# FR: (ne pas) savoir que/si + mode



## stoky

Could anyone give me some help with the verb savoir requiring the subjunctive?
I did not know that there would be a bull run in the street.

Je ne savais pas qu'il il aurait une course de taureaux dans la rue.

I have read that savoir in the negative takes the subjunctive.

Je ne savais pas qu'il y ait une course de taureaux dans la rue.   ???

Can someone tell me which is correct and when savoir requires usage of the subjunctive?  Thank you in advance.

*Moderator note:* Multiple threads merged to create this one.


----------



## Maître Capello

Apart from the typo, the former is correct, namely  _Je ne savais pas qu'il *y* aurait une course de taureaux dans la rue_. But the latter is definitely incorrect.

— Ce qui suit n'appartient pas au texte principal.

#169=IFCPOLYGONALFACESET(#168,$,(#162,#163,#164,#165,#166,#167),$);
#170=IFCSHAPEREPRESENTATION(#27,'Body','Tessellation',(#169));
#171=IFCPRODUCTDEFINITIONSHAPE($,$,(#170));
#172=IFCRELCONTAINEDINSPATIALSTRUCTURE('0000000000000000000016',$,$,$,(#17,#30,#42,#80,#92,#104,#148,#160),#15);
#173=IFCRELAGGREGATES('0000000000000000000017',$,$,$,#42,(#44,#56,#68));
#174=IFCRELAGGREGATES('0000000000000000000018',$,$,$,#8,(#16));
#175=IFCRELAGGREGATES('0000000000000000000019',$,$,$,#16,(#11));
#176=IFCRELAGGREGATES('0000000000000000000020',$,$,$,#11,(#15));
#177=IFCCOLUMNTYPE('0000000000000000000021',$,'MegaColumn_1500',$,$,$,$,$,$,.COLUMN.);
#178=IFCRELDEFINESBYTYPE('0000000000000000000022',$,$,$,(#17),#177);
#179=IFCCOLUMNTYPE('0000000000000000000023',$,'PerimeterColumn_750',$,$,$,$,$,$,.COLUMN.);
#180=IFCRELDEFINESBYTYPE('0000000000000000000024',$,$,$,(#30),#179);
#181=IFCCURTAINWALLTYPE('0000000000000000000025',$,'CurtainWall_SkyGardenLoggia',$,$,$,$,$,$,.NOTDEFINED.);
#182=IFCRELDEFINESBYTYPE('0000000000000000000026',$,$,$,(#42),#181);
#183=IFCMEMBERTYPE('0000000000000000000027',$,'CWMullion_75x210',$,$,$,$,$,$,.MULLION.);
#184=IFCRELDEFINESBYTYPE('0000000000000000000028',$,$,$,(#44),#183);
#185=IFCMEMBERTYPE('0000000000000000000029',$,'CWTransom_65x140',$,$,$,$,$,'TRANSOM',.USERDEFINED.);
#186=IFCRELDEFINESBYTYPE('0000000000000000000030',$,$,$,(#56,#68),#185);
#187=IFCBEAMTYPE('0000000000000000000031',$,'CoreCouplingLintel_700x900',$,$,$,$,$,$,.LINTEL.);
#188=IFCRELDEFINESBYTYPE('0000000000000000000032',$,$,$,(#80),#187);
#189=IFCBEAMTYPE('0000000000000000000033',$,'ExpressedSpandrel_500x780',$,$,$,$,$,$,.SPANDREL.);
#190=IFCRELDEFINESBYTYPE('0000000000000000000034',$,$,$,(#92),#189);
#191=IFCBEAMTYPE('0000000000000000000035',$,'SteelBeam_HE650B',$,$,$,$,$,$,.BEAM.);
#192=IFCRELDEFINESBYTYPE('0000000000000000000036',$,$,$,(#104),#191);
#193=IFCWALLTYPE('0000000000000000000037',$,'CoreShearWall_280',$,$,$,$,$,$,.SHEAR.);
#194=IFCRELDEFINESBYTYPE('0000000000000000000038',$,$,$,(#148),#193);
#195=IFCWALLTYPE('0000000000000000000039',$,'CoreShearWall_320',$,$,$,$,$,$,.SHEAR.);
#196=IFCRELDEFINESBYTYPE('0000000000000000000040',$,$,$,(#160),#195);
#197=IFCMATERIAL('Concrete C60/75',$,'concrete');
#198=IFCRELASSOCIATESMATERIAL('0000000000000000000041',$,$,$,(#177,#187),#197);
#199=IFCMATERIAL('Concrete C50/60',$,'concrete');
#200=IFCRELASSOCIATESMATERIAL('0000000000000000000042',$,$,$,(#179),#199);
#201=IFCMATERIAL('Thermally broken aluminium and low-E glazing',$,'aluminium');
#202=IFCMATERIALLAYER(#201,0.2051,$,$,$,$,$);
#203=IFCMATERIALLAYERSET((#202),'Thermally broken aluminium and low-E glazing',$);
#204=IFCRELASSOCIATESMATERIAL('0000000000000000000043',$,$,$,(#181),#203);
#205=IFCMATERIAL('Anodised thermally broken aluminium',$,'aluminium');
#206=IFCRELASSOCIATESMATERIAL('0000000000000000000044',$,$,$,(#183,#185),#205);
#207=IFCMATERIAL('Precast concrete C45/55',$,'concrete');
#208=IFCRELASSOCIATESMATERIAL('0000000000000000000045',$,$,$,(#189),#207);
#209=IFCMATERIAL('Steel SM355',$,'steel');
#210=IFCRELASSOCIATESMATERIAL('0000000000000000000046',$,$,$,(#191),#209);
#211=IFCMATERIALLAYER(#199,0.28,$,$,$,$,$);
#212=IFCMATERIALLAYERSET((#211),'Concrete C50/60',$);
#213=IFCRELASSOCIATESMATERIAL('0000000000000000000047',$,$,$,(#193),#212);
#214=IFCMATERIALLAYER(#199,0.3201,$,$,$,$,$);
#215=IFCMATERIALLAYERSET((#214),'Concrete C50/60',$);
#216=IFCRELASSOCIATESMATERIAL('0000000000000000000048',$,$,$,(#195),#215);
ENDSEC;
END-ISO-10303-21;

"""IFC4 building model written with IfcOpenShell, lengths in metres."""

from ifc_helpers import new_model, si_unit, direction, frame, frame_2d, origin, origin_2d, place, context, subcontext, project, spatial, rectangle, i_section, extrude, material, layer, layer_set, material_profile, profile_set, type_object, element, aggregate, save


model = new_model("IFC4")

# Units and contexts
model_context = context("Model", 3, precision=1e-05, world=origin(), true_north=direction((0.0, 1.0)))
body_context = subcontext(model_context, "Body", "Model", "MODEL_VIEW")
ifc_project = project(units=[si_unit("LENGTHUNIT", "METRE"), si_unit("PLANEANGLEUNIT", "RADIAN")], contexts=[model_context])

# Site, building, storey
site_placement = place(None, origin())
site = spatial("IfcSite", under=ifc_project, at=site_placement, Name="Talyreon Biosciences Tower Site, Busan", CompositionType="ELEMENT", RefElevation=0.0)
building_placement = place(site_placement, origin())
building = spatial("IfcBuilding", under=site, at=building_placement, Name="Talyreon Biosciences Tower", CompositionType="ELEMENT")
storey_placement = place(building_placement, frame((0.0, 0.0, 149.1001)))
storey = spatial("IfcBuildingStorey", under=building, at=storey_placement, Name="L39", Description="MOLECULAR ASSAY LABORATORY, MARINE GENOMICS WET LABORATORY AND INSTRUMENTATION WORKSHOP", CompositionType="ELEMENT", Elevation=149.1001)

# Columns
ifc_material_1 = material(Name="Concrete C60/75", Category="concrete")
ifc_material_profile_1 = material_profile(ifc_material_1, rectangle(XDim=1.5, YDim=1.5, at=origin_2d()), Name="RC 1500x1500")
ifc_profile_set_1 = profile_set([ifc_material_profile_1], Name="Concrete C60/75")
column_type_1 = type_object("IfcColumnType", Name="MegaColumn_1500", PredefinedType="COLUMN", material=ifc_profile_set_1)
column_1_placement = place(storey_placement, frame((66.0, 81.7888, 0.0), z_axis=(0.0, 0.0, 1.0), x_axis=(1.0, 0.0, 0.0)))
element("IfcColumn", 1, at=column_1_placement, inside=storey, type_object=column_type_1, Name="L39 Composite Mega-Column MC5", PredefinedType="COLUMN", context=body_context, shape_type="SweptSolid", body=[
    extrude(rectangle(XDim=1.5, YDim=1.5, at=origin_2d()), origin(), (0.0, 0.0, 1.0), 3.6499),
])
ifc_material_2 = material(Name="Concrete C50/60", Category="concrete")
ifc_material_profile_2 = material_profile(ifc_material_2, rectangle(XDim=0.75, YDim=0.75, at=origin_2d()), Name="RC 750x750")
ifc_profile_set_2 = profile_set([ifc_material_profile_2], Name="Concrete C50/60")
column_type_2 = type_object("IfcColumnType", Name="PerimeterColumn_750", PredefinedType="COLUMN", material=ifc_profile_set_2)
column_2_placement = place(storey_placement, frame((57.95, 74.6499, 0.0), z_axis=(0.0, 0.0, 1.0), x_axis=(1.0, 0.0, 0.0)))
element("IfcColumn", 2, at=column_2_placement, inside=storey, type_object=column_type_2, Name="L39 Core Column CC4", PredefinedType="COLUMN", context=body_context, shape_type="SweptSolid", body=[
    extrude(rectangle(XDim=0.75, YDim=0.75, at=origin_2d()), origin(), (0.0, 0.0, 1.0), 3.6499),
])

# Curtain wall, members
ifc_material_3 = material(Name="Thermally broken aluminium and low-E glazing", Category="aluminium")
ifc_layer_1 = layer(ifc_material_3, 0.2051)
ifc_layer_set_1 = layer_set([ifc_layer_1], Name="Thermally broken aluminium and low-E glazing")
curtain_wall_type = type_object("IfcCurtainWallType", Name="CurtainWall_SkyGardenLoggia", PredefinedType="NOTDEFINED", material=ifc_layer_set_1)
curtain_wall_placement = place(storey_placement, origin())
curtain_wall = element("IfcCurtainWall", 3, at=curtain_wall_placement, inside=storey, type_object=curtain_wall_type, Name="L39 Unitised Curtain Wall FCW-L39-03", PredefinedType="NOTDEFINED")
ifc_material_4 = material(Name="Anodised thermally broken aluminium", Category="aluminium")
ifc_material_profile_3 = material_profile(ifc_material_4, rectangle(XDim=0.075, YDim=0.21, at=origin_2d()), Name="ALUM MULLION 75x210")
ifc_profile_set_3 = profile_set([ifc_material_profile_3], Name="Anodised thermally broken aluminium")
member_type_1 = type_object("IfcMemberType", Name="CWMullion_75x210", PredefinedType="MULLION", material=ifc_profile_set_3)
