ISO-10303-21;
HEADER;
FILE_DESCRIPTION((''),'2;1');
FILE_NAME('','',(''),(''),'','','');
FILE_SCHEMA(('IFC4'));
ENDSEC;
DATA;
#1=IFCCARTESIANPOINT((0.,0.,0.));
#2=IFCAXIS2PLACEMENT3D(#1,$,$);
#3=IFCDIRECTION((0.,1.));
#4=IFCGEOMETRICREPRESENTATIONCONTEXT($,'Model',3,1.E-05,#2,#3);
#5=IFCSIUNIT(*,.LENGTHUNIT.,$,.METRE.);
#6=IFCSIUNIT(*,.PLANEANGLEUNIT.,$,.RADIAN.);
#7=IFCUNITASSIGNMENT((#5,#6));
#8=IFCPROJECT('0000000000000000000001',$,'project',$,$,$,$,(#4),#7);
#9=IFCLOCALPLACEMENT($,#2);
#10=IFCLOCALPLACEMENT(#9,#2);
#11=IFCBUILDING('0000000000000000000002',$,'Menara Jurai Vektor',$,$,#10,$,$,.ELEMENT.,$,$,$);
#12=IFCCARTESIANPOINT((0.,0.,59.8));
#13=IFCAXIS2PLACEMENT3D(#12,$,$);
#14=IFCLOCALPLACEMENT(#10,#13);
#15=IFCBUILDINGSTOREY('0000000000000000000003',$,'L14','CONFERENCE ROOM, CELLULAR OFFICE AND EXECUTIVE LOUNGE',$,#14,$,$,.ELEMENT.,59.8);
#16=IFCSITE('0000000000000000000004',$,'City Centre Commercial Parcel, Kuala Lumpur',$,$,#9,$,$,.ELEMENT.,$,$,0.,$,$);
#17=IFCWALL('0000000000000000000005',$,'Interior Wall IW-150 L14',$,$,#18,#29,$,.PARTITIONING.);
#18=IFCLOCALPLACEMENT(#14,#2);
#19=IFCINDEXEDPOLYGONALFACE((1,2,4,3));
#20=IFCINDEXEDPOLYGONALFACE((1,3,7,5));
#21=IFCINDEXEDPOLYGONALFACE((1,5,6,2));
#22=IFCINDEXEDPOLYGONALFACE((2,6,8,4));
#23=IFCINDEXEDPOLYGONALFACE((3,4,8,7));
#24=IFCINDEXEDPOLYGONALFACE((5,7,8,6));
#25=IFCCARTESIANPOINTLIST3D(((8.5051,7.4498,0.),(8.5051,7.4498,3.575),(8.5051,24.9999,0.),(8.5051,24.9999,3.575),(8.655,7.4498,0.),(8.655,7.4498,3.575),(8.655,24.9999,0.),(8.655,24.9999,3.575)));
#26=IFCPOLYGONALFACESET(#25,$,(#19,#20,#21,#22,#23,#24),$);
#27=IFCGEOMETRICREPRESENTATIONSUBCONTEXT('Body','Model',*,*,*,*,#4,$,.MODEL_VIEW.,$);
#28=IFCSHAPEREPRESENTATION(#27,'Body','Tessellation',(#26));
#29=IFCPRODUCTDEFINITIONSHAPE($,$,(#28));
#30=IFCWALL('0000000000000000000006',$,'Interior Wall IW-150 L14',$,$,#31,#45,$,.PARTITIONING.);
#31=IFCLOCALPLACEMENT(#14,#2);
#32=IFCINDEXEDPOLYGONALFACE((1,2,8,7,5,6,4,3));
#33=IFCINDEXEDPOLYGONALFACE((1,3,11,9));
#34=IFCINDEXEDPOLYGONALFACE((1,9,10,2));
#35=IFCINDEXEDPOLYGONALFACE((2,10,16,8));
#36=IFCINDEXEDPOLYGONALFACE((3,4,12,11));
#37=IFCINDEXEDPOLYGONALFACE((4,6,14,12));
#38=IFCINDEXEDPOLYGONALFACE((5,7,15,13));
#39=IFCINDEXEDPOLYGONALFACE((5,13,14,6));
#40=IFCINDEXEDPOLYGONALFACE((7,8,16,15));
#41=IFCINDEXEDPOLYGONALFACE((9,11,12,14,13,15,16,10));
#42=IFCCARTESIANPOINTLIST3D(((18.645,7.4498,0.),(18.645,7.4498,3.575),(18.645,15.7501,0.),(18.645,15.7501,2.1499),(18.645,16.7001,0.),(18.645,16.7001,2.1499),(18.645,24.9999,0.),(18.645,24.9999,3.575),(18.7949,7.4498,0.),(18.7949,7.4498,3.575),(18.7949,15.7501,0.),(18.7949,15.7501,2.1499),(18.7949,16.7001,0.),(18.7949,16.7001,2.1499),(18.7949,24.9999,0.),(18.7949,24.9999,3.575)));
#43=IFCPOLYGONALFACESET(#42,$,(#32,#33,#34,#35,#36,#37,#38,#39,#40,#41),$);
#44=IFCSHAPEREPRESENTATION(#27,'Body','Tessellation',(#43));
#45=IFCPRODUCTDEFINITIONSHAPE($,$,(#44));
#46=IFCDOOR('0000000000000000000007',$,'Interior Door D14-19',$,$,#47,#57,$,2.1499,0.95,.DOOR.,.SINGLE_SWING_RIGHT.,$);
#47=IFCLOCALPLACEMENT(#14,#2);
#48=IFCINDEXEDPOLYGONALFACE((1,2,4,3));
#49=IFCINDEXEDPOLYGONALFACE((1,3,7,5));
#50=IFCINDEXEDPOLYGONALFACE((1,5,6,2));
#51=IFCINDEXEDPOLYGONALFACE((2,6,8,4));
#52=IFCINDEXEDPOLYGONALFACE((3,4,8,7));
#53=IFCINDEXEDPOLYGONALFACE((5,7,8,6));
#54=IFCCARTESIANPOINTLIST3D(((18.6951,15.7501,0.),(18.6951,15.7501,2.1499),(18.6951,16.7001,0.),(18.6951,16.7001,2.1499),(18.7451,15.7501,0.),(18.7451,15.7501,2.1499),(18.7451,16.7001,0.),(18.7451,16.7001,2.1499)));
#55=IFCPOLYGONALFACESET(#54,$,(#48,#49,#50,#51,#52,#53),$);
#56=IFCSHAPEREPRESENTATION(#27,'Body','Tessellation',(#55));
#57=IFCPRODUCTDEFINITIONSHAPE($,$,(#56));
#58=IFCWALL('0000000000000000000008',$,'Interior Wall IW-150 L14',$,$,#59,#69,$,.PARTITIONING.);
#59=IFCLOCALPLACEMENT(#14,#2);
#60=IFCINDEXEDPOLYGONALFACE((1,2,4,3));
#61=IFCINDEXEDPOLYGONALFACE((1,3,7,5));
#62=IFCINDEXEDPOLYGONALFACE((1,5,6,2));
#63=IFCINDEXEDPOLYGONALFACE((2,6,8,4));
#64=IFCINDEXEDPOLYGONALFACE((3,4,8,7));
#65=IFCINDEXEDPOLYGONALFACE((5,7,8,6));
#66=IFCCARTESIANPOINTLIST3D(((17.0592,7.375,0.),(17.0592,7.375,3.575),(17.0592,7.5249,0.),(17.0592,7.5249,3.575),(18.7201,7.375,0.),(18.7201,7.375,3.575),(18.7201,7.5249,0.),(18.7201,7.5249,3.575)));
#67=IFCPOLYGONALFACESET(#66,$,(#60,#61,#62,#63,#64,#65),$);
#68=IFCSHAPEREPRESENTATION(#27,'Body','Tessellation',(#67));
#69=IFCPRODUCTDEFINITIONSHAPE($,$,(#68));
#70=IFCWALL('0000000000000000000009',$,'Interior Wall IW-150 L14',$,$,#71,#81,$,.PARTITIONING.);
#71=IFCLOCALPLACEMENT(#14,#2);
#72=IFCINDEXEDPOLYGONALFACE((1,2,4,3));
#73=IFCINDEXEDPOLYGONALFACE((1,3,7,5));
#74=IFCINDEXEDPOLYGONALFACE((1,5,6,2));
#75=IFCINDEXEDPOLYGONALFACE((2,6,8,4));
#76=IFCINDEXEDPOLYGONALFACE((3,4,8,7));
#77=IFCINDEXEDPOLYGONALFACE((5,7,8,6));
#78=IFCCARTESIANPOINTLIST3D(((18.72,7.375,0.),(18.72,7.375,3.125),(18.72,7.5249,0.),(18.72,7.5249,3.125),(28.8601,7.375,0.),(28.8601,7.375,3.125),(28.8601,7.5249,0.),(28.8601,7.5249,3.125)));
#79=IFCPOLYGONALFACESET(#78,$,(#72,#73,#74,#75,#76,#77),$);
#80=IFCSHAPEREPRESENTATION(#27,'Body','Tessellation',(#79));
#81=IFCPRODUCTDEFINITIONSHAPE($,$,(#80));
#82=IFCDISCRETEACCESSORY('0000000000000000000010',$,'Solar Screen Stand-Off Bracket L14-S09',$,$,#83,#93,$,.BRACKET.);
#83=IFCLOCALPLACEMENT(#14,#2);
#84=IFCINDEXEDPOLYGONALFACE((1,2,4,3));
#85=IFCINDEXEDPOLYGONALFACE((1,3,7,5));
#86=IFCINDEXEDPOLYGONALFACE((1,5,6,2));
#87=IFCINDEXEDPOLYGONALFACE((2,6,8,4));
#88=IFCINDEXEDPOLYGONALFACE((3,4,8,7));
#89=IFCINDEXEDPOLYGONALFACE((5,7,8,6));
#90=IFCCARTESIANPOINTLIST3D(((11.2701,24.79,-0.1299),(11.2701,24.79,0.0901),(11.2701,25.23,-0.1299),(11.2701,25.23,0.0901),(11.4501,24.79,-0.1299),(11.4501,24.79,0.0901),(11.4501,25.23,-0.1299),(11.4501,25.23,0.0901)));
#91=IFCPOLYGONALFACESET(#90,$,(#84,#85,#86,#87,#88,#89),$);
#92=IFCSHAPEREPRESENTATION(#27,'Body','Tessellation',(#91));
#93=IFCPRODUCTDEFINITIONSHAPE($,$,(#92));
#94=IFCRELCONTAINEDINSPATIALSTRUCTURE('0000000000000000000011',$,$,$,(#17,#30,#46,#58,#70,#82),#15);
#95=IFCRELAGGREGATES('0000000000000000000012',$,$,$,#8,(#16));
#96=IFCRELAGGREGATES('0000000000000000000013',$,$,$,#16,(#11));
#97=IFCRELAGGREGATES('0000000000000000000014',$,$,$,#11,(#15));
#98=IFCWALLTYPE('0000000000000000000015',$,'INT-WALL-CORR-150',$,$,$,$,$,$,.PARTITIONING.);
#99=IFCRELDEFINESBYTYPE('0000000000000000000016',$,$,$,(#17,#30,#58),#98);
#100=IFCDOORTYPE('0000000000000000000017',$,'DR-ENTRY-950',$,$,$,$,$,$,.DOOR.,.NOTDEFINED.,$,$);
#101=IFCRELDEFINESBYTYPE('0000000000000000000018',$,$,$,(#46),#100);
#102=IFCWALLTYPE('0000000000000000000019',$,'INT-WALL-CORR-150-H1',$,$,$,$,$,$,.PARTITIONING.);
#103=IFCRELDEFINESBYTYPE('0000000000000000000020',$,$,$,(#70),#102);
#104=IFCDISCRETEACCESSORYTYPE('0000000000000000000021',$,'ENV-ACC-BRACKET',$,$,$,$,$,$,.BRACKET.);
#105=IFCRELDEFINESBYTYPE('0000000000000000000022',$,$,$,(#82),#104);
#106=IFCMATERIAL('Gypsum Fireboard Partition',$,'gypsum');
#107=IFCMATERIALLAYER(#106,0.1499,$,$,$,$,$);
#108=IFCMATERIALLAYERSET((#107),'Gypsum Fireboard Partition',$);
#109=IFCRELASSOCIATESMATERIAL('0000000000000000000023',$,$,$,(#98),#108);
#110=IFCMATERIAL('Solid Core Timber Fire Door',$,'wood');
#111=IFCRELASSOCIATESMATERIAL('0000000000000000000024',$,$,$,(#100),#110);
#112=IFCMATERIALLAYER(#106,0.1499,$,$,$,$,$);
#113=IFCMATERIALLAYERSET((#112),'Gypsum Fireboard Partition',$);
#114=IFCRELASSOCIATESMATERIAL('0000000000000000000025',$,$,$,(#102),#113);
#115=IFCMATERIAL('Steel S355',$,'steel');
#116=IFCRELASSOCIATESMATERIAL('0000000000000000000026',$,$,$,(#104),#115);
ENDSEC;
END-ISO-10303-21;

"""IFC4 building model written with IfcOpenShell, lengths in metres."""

from ifc_helpers import new_model, si_unit, direction, frame, frame_2d, origin, origin_2d, place, context, subcontext, project, spatial, rectangle, extrude, material, layer, layer_set, type_object, element, fill, save


model = new_model("IFC4")

# Units and contexts
model_context = context("Model", 3, precision=1e-05, world=origin(), true_north=direction((0.0, 1.0)))
body_context = subcontext(model_context, "Body", "Model", "MODEL_VIEW")
ifc_project = project(units=[si_unit("LENGTHUNIT", "METRE"), si_unit("PLANEANGLEUNIT", "RADIAN")], contexts=[model_context])

# Site, building, storey
site_placement = place(None, origin())
site = spatial("IfcSite", under=ifc_project, at=site_placement, Name="City Centre Commercial Parcel, Kuala Lumpur", CompositionType="ELEMENT", RefElevation=0.0)
building_placement = place(site_placement, origin())
building = spatial("IfcBuilding", under=site, at=building_placement, Name="Menara Jurai Vektor", CompositionType="ELEMENT")
storey_placement = place(building_placement, frame((0.0, 0.0, 59.8)))
storey = spatial("IfcBuildingStorey", under=building, at=storey_placement, Name="L14", Description="CONFERENCE ROOM, CELLULAR OFFICE AND EXECUTIVE LOUNGE", CompositionType="ELEMENT", Elevation=59.8)

# Shared definitions
ifc_material_1 = material(Name="Steel S355", Category="steel")

# Shared definitions
ifc_material_2 = material(Name="Gypsum Fireboard Partition", Category="gypsum")
ifc_layer_1 = layer(ifc_material_2, 0.1499)
ifc_layer_set_1 = layer_set([ifc_layer_1], Name="Gypsum Fireboard Partition")
wall_type_1 = type_object("IfcWallType", Name="INT-WALL-CORR-150", PredefinedType="PARTITIONING", material=ifc_layer_set_1)

# Shared definitions
ifc_material_3 = material(Name="Solid Core Timber Fire Door", Category="wood")
door_type = type_object("IfcDoorType", Name="DR-ENTRY-950", OperationType="NOTDEFINED", PredefinedType="DOOR", material=ifc_material_3)

# Wall
wall_1_placement = place(storey_placement, frame((8.5801, 7.45, 0.0), z_axis=(0.0, 0.0, 1.0), x_axis=(0.0, 1.0, 0.0)))
element("IfcWall", 1, at=wall_1_placement, inside=storey, type_object=wall_type_1, Name="Interior Wall IW-150 L14", PredefinedType="PARTITIONING", context=body_context, shape_type="SweptSolid", body=[
    extrude(rectangle(XDim=17.55, YDim=0.1499, at=frame_2d((8.7749, 0.0))), origin(), (0.0, 0.0, 1.0), 3.575),
])

# Wall, opening, door
wall_2_placement = place(storey_placement, frame((18.72, 7.45, 0.0), z_axis=(0.0, 0.0, 1.0), x_axis=(0.0, 1.0, 0.0)))
wall_2 = element("IfcWall", 2, at=wall_2_placement, inside=storey, type_object=wall_type_1, Name="Interior Wall IW-150 L14", PredefinedType="PARTITIONING", context=body_context, shape_type="SweptSolid", body=[
    extrude(rectangle(XDim=17.55, YDim=0.1499, at=frame_2d((8.7749, 0.0))), origin(), (0.0, 0.0, 1.0), 3.575),
])
opening_1_placement = place(wall_2_placement, frame((8.3, 0.0, 0.0)))
opening_1 = element("IfcOpeningElement", 3, at=opening_1_placement, cuts=wall_2, PredefinedType="OPENING", context=body_context, shape_type="SweptSolid", body=[
    extrude(rectangle(XDim=0.95, YDim=2.1499, at=frame_2d((0.4751, 1.075))), frame((0.0, 0.085, 0.0), z_axis=(0.0, -1.0, 0.0), x_axis=(1.0, 0.0, 0.0)), (0.0, 0.0, 1.0), 0.1699),
])
door_1_placement = place(opening_1_placement, origin())
door_1 = element("IfcDoor", 4, at=door_1_placement, inside=storey, type_object=door_type, Name="Interior Door D14-19", OperationType="SINGLE_SWING_RIGHT", OverallHeight=2.1499, OverallWidth=0.95, PredefinedType="DOOR", context=body_context, shape_type="SweptSolid", body=[
    extrude(rectangle(XDim=0.95, YDim=2.1499, at=frame_2d((0.4751, 1.075))), frame((0.0, 0.0249, 0.0), z_axis=(0.0, -1.0, 0.0), x_axis=(1.0, 0.0, 0.0)), (0.0, 0.0, 1.0), 0.05),
])
fill(opening_1, door_1)

# Walls
wall_3_placement = place(storey_placement, frame((17.0591, 7.45, 0.0), z_axis=(0.0, 0.0, 1.0), x_axis=(1.0, 0.0, 0.0)))
element("IfcWall", 5, at=wall_3_placement, inside=storey, type_object=wall_type_1, Name="Interior Wall IW-150 L14", PredefinedType="PARTITIONING", context=body_context, shape_type="SweptSolid", body=[
    extrude(rectangle(XDim=1.6609, YDim=0.1499, at=frame_2d((0.8306, 0.0))), origin(), (0.0, 0.0, 1.0), 3.575),
])
ifc_layer_2 = layer(ifc_material_2, 0.1499)
ifc_layer_set_2 = layer_set([ifc_layer_2], Name="Gypsum Fireboard Partition")
wall_type_2 = type_object("IfcWallType", Name="INT-WALL-CORR-150-H1", PredefinedType="PARTITIONING", material=ifc_layer_set_2)
wall_4_placement = place(storey_placement, frame((18.72, 7.45, 0.0), z_axis=(0.0, 0.0, 1.0), x_axis=(1.0, 0.0, 0.0)))
element("IfcWall", 6, at=wall_4_placement, inside=storey, type_object=wall_type_2, Name="Interior Wall IW-150 L14", PredefinedType="PARTITIONING", context=body_context, shape_type="SweptSolid", body=[
    extrude(rectangle(XDim=10.1401, YDim=0.1499, at=frame_2d((5.0701, 0.0))), origin(), (0.0, 0.0, 1.0), 3.125),
])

Besides, I can't think of any example where _Je ne savais pas que_ would be followed by a subjunctive (contrary to, e.g., _J'avais peur que_)…


----------



## geostan

Si la subordonnée n'est pas en doute, il n'y a pas de subjonctif.
Si, par contre, la subordonnée est envisagée comme une simple possibilité, on pourrait justifier un subjonctif.

Je ne savais pas qu'il était là. (En effet, il était là; pas de doute)
Je ne savais pas qu'on puisse souffrir à ce point. (Mais "pourrait" est également possible.)

Cheers!


----------



## Maître Capello

Tes phrases sont correctes, mais je trouve tes explications un peu imprécises… 

_Ne pas savoir que_ se construit d'ordinaire avec l'indicatif. Il est cependant *parfois* suivi du subjonctif, particulièrement lorsque le verbe est à un temps du passé (comme ici à l'imparfait), mais c'est une tournure soutenue.



> (Mais "pourrait" est également possible.)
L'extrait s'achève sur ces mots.